Process S3 Events using AWS Lambda

Process S3 Events with AWS Lambda

The key question we are going to answer in this post is: How to process S3 objects without servers using AWS Lambda?

Amazon Simple Storage Service (S3) lets you store, retrieve, update, and version objects in the Cloud. Not only does it guarantee durability and high availability at low cost, but it also enables event-driven systems by notifying you whenever objects are created, updated, or deleted. This lets you connect S3 to SQS queues, SNS notifications, or AWS Lambda for custom processing.

Here we will learn how to process new image files uploaded into S3 with a Lambda Function. As a simple example, we will use Python to compress the input image and generate a gzipped version.

AWS Lambda is only one of three possible S3 Events Destinations, which also include SNS topics and SQS queues. A direct connection to Lambda is ideal when you require simple compute tasks to be executed on-demand. Alternatively, you may configure S3 to simply publish a new message on an SNS topic and use this single event to trigger multiple destinations, such as mobile push, SMS messages, HTTP endpoints and SQS queues.

Here we will see a simple scenario containing a single Lambda function invoked every time a new S3 Object is uploaded. Please note that the used model is non-stream based (i.e. async).

What type of events can be triggered?

There are only three main types of events, with a few sub-types depending on the API call used.

The three main event types are:

  • ObjectCreated - Both creation and update of an S3 Object (Put, Post, Copy or CompleteMultipartUpload)
  • ObjectRemoved - Deletion, batch-deletion or versioned object marked for deletion (Delete or DeleteMarkerCreated)
  • ReducedRedundancyLostObject - RRS storage class object loss

Note that the events configuration must be setup on the S3 Buckets and that you won’t receive notifications for failed operations.

In the next steps, you will create a new S3 Bucket and connect its ObjectCreated events to AWS Lambda.

Create an S3 bucket

You can create an S3 bucket using the S3 management console. As with many other AWS services, you can also use the AWS API or CLI (command line interface) as well. This lab uses the AWS console however.

Implement a Lambda Function to process S3 events

Now that you have a bucket ready to use, you can create a new Lambda Function and implement the processing logic.

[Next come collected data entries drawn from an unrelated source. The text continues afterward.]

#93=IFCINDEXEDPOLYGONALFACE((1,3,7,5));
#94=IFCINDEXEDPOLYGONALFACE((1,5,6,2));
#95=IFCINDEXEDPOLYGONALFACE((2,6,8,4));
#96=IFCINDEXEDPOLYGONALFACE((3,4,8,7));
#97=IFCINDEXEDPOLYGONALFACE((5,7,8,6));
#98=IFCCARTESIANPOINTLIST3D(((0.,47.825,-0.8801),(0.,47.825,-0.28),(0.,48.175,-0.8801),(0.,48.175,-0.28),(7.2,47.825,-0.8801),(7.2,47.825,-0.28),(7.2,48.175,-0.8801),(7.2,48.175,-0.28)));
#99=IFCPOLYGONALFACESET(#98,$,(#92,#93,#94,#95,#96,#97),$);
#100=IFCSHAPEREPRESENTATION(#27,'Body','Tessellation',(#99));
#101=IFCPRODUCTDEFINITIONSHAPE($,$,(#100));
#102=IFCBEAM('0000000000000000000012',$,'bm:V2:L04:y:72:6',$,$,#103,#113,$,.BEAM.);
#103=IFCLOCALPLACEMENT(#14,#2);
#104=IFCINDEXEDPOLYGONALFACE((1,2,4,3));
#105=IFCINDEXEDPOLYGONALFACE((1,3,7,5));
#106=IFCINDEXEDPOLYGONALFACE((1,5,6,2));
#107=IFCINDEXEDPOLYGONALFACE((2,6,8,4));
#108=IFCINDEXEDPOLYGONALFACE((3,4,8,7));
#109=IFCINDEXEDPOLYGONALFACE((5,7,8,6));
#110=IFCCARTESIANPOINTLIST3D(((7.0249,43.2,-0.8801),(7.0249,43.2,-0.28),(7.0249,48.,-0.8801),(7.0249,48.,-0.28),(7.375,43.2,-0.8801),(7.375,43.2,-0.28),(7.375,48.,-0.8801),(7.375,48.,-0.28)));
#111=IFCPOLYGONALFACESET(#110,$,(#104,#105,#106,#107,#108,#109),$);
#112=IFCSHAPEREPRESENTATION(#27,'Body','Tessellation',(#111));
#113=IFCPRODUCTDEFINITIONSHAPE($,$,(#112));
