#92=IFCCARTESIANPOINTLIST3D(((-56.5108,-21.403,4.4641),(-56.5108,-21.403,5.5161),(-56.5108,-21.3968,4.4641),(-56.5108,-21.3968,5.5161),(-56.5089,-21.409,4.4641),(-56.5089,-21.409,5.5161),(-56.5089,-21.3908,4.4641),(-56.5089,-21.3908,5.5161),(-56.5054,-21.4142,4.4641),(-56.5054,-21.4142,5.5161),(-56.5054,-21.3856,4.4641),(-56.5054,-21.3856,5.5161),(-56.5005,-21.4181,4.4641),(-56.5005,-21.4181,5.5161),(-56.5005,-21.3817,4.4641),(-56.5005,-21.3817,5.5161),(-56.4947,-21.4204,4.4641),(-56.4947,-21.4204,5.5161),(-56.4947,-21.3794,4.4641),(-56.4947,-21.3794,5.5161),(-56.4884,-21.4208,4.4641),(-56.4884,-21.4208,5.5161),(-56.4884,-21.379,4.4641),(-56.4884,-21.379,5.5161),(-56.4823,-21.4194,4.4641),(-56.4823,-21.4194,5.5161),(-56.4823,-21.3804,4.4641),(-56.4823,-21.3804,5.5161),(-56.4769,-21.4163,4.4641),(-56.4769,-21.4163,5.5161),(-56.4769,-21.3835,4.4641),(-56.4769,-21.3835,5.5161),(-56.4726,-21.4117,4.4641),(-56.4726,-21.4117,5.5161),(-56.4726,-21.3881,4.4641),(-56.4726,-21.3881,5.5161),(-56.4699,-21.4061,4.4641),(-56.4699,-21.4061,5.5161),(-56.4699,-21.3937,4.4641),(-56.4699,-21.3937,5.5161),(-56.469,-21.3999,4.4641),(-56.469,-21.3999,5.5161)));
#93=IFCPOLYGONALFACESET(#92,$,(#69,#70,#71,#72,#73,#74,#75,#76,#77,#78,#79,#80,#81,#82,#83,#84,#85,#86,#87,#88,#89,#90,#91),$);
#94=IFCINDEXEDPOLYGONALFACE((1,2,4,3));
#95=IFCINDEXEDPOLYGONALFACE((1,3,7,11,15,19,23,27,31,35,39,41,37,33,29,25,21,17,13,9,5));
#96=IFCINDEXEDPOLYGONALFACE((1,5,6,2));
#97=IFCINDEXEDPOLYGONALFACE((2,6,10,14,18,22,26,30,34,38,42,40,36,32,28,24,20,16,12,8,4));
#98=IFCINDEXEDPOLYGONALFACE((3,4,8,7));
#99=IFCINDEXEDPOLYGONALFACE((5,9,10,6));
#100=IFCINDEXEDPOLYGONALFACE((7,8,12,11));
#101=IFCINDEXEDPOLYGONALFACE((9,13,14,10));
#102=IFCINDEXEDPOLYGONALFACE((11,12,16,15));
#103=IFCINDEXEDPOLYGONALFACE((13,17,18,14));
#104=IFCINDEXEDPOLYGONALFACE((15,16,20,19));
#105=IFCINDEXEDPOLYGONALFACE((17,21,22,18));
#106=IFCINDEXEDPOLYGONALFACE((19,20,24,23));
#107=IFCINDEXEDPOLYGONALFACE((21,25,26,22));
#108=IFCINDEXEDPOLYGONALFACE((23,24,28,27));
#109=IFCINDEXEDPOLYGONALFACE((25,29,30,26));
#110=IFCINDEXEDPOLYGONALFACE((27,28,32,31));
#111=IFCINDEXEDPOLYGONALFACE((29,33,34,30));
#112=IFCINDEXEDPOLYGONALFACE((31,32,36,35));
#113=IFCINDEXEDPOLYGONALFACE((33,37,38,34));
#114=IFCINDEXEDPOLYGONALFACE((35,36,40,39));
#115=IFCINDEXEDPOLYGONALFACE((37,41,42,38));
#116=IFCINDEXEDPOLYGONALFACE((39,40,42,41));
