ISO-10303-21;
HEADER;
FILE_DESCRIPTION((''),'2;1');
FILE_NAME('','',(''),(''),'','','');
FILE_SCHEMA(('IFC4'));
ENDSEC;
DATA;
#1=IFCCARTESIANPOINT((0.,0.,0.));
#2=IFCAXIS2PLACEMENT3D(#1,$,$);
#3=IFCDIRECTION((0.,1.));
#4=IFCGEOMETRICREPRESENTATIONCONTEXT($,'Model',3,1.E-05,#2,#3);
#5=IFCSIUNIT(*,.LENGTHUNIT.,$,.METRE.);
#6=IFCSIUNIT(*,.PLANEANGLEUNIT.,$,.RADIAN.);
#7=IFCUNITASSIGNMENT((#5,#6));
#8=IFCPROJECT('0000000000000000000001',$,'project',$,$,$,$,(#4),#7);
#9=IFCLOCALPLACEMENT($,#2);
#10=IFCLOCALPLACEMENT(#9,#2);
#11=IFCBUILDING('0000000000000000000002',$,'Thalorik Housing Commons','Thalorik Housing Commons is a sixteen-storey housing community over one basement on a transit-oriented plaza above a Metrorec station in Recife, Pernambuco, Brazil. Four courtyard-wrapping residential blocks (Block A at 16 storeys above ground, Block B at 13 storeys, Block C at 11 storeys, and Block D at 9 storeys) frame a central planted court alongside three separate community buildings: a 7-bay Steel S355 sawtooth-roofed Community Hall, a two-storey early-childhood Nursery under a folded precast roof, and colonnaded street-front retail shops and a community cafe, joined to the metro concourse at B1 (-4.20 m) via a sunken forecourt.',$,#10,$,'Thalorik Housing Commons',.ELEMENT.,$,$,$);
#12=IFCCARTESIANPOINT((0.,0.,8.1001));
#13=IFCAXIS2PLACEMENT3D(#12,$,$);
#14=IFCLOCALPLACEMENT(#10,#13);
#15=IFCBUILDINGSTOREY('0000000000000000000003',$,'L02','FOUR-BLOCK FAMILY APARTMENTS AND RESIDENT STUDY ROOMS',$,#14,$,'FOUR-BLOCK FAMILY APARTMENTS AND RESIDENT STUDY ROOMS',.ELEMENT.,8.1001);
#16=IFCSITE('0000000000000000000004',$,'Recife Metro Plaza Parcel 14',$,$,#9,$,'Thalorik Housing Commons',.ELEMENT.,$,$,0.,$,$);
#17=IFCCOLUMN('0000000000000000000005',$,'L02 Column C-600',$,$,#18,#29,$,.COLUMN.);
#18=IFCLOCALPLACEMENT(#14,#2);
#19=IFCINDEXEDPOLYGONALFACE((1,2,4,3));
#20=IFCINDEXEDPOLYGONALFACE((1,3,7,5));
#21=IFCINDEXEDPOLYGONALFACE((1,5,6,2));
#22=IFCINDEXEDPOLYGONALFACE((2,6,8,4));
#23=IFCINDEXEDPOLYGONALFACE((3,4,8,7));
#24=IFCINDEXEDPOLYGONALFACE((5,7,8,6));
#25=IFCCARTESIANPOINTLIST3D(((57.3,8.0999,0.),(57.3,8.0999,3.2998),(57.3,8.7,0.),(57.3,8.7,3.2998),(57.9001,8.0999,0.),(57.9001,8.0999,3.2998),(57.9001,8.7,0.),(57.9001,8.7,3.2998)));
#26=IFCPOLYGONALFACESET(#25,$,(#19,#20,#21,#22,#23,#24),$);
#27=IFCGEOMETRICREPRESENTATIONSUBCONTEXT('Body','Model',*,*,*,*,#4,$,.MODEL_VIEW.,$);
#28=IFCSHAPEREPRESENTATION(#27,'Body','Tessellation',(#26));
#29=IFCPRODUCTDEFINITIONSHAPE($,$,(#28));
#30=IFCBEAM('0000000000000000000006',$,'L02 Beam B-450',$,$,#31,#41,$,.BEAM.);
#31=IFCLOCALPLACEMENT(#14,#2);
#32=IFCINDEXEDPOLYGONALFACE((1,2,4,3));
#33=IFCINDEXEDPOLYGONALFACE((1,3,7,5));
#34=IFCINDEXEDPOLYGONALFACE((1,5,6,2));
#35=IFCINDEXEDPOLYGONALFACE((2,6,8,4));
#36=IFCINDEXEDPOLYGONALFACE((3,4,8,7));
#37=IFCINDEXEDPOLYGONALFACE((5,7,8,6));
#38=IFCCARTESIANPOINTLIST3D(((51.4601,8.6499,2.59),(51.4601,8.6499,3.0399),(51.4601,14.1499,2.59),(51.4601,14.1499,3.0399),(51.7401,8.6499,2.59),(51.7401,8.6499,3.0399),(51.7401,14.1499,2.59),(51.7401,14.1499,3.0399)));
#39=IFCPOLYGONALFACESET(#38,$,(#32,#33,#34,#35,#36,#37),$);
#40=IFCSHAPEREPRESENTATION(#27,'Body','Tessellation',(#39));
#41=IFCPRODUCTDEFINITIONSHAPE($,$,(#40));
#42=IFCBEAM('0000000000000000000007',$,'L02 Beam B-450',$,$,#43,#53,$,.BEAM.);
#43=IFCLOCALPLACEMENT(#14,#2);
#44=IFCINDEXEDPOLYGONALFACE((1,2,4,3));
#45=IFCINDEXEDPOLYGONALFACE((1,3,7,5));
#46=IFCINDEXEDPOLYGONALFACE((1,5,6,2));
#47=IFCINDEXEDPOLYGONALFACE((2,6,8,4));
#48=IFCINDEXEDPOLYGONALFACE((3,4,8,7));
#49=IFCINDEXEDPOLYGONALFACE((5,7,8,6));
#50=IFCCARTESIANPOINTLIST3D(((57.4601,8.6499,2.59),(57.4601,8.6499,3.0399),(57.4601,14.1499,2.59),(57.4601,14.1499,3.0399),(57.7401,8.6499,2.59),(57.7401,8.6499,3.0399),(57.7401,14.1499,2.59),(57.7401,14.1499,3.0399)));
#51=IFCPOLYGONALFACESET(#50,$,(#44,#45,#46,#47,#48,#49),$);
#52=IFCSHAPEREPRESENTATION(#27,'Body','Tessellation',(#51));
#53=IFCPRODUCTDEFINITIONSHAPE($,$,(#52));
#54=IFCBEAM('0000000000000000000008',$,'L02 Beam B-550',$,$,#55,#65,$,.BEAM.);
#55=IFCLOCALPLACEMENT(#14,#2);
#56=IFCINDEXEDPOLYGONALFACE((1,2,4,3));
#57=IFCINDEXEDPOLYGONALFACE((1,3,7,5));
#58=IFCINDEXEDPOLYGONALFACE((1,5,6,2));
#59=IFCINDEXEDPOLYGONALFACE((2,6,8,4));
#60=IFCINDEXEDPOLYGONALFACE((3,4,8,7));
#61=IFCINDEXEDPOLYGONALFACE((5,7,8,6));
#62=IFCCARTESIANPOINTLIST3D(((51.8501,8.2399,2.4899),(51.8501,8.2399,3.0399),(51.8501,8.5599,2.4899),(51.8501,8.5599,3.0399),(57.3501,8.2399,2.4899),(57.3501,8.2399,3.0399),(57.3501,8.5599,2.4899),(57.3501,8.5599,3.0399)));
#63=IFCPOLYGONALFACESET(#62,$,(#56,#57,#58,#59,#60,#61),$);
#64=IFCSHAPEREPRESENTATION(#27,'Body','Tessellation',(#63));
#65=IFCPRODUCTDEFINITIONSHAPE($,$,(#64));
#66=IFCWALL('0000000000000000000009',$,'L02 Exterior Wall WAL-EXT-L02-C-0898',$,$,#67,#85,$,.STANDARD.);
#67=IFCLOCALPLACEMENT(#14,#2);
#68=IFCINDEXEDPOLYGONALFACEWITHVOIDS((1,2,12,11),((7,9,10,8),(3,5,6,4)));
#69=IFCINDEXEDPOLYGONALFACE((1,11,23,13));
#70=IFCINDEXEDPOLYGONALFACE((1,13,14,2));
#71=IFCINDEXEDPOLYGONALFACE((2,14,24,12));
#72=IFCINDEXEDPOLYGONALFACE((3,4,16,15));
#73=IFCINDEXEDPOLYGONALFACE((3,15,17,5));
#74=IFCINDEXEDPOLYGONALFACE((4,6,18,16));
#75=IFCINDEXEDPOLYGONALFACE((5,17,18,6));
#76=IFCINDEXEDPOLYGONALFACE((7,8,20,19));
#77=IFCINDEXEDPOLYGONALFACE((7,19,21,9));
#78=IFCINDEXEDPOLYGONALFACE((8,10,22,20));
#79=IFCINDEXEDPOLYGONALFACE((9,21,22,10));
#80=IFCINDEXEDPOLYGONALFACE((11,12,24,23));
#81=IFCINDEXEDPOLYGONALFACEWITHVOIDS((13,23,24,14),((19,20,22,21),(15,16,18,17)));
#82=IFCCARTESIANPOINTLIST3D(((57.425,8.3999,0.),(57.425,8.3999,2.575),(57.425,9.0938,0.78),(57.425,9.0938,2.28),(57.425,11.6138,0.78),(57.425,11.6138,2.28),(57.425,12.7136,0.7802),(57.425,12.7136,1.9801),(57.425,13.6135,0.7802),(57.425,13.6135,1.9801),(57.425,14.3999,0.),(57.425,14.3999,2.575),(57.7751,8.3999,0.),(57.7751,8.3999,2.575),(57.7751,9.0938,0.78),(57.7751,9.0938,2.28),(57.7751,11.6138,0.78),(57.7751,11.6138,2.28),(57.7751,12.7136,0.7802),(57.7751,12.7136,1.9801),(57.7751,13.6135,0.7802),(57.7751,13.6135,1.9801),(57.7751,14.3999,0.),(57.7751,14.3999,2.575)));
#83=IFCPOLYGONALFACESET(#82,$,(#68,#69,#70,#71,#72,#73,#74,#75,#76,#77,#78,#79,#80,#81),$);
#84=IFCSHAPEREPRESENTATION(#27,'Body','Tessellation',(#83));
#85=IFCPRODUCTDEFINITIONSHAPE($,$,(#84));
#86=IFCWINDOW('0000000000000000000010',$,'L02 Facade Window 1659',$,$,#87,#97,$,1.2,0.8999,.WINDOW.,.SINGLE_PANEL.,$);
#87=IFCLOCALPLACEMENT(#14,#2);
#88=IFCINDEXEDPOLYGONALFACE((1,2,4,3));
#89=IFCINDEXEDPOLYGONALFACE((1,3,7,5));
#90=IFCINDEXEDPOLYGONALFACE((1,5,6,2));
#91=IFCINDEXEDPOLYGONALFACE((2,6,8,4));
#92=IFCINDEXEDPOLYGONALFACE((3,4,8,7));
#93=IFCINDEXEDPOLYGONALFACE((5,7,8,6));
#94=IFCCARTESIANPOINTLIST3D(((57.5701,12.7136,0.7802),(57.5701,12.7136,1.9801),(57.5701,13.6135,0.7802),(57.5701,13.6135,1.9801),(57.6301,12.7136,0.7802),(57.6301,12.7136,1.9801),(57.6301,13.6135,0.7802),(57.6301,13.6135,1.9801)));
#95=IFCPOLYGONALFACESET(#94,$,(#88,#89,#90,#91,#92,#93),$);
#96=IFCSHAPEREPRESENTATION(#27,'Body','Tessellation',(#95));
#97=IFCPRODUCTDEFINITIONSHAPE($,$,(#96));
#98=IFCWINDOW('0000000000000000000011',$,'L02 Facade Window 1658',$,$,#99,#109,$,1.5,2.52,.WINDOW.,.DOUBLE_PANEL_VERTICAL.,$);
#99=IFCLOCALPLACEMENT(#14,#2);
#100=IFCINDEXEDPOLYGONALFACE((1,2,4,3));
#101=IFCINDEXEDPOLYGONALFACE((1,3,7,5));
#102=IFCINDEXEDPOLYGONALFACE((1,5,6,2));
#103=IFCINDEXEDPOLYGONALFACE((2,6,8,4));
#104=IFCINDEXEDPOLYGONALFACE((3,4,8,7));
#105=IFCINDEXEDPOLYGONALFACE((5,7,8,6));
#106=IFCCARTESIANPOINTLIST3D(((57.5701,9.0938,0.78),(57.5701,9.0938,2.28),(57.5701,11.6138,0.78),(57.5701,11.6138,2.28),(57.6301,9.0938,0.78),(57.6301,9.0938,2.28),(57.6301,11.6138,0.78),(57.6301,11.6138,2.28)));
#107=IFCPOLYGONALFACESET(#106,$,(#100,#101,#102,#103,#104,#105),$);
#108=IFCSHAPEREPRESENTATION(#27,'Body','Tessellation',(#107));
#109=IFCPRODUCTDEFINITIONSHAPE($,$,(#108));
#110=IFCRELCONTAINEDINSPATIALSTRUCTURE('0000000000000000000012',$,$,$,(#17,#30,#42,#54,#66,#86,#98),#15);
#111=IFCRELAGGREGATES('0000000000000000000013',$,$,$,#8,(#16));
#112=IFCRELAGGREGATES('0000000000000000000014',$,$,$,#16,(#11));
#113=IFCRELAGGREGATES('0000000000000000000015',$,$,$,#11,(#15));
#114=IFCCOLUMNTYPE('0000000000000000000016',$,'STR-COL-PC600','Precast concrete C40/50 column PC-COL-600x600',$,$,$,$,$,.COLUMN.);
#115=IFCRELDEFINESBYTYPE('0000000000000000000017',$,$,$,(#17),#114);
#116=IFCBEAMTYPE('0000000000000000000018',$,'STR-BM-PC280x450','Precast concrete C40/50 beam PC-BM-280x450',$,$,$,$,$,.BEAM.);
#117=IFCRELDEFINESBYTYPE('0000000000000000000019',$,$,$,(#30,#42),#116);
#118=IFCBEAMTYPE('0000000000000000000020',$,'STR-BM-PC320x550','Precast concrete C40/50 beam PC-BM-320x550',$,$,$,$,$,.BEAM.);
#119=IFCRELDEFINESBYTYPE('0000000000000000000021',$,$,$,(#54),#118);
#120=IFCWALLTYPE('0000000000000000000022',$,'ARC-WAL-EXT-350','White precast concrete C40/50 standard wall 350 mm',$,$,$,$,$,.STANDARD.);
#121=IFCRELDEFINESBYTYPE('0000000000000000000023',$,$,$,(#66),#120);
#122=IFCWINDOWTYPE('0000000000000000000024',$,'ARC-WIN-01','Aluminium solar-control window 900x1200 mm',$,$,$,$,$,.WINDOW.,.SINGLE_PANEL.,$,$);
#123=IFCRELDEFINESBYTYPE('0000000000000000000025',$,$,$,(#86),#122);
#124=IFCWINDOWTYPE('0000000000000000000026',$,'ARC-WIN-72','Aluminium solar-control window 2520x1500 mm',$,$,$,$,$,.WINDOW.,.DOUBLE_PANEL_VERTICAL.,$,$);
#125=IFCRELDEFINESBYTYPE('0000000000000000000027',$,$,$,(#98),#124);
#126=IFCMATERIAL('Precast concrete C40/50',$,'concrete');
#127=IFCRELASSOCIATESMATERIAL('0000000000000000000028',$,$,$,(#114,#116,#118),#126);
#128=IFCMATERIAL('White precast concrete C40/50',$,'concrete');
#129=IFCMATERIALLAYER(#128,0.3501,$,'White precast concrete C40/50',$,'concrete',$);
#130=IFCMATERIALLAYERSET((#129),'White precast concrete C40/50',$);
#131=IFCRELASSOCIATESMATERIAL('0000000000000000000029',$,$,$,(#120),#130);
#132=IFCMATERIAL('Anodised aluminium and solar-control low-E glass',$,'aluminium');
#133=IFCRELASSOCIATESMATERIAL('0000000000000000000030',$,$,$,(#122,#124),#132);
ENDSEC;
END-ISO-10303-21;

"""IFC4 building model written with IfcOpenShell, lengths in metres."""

from ifc_helpers import new_model, si_unit, direction, frame, frame_2d, origin, origin_2d, place, context, subcontext, project, spatial, rectangle, extrude, material, layer, layer_set, material_profile, profile_set, type_object, element, fill, save


model = new_model("IFC4")

# Units and contexts
model_context = context("Model", 3, precision=1e-05, world=origin(), true_north=direction((0.0, 1.0)))
body_context = subcontext(model_context, "Body", "Model", "MODEL_VIEW")
ifc_project = project(units=[si_unit("LENGTHUNIT", "METRE"), si_unit("PLANEANGLEUNIT", "RADIAN")], contexts=[model_context])

# Site, building, storey
site_placement = place(None, origin())
site = spatial("IfcSite", under=ifc_project, at=site_placement, Name="Recife Metro Plaza Parcel 14", LongName="Thalorik Housing Commons", CompositionType="ELEMENT", RefElevation=0.0)
building_placement = place(site_placement, origin())
building = spatial("IfcBuilding", under=site, at=building_placement, Name="Thalorik Housing Commons", Description="Thalorik Housing Commons is a sixteen-storey housing community over one basement on a transit-oriented plaza above a Metrorec station in Recife, Pernambuco, Brazil. Four courtyard-wrapping residential blocks (Block A at 16 storeys above ground, Block B at 13 storeys, Block C at 11 storeys, and Block D at 9 storeys) frame a central planted court alongside three separate community buildings: a 7-bay Steel S355 sawtooth-roofed Community Hall, a two-storey early-childhood Nursery under a folded precast roof, and colonnaded street-front retail shops and a community cafe, joined to the metro concourse at B1 (-4.20 m) via a sunken forecourt.", LongName="Thalorik Housing Commons", CompositionType="ELEMENT")
storey_placement = place(building_placement, frame((0.0, 0.0, 8.1001)))
storey = spatial("IfcBuildingStorey", under=building, at=storey_placement, Name="L02", Description="FOUR-BLOCK FAMILY APARTMENTS AND RESIDENT STUDY ROOMS", LongName="FOUR-BLOCK FAMILY APARTMENTS AND RESIDENT STUDY ROOMS", CompositionType="ELEMENT", Elevation=8.1001)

The goal is to create a compressed version of every image uploaded into the S3 bucket.

You will save the original images with a prefix /images/ and the compressed objects with a prefix /zip/. You can think of these prefixes as S3 folders within your bucket, which will allow us to avoid conflicts and infinite recursions. Indeed, if you listen to every creation event to generate new compressed files, you may end up with infinite loops. If new images are always uploaded to one folder, compressed and saved in another folder, then the looping error is avoided. In this simple case, prefixes are the best way to keep the Lambda Function simple and avoid problems.

Create a Function

Enter the following in the Function code:

import os, zipfile, StringIO
import boto3

s3 = boto3.client('s3')

def lambda_handler(event, context):

    # read bucket and key from event data
    record = event['Records'][0]['s3']
    bucket = record['bucket']['name']
    key = record['object']['key']

    # generate new key name
    new_key = "zip/%s.zip" % os.path.basename(key)

    # read the source obj content
    body = s3.get_object(Bucket=bucket, Key=key)['Body'].read()

    # create new obj with compressed data
    s3.put_object(
        Body=compress(body, key),
        Key=new_key,
        Bucket=bucket,
    )

    return "OK"

def compress(body, key):
    data = StringIO.StringIO()
    with zipfile.ZipFile(data, 'w', zipfile.ZIP_DEFLATED) as f:
        f.writestr(os.path.basename(key), body)
    data.seek(0)
    return data.read()

The lambda_handler function will take care of extracting the S3 Object information from the given event data. Then, it will read the object’s body, compress it (in memory) and upload a new S3 Object with the same name into the /zip/ folder. The second function is just a simple Python utility to compress an input string with the ZIP algorithm.

Now add a trigger, go to the Triggers box and select S3 from the triggers list:

In the next step, you will test the trigger and verify that zipped files are created whenever a png file is uploaded in the /images/ folder.

Test the trigger

You will now quickly test that your trigger is working properly. Switch to S3 again, click on your bucket name and create a new folder named images by clicking the + Create Folder button and entering images in the New folder field. Then click Save.

Upload an image to this new folder.

The AWS Lambda invocation will be completely transparent and you will not notice anything until you examine S3 further.

If everything is correctly configured, you will be able to inspect the bucket root and find a new zip folder with a new file inside (image.png.zip):

And the compressed file

Summary

This post shows how we can process S3 events using AWS Lambda. A simple, yet powerful way to perform some data cleaning/pre-processing tasks when new objects get uploaded to S3.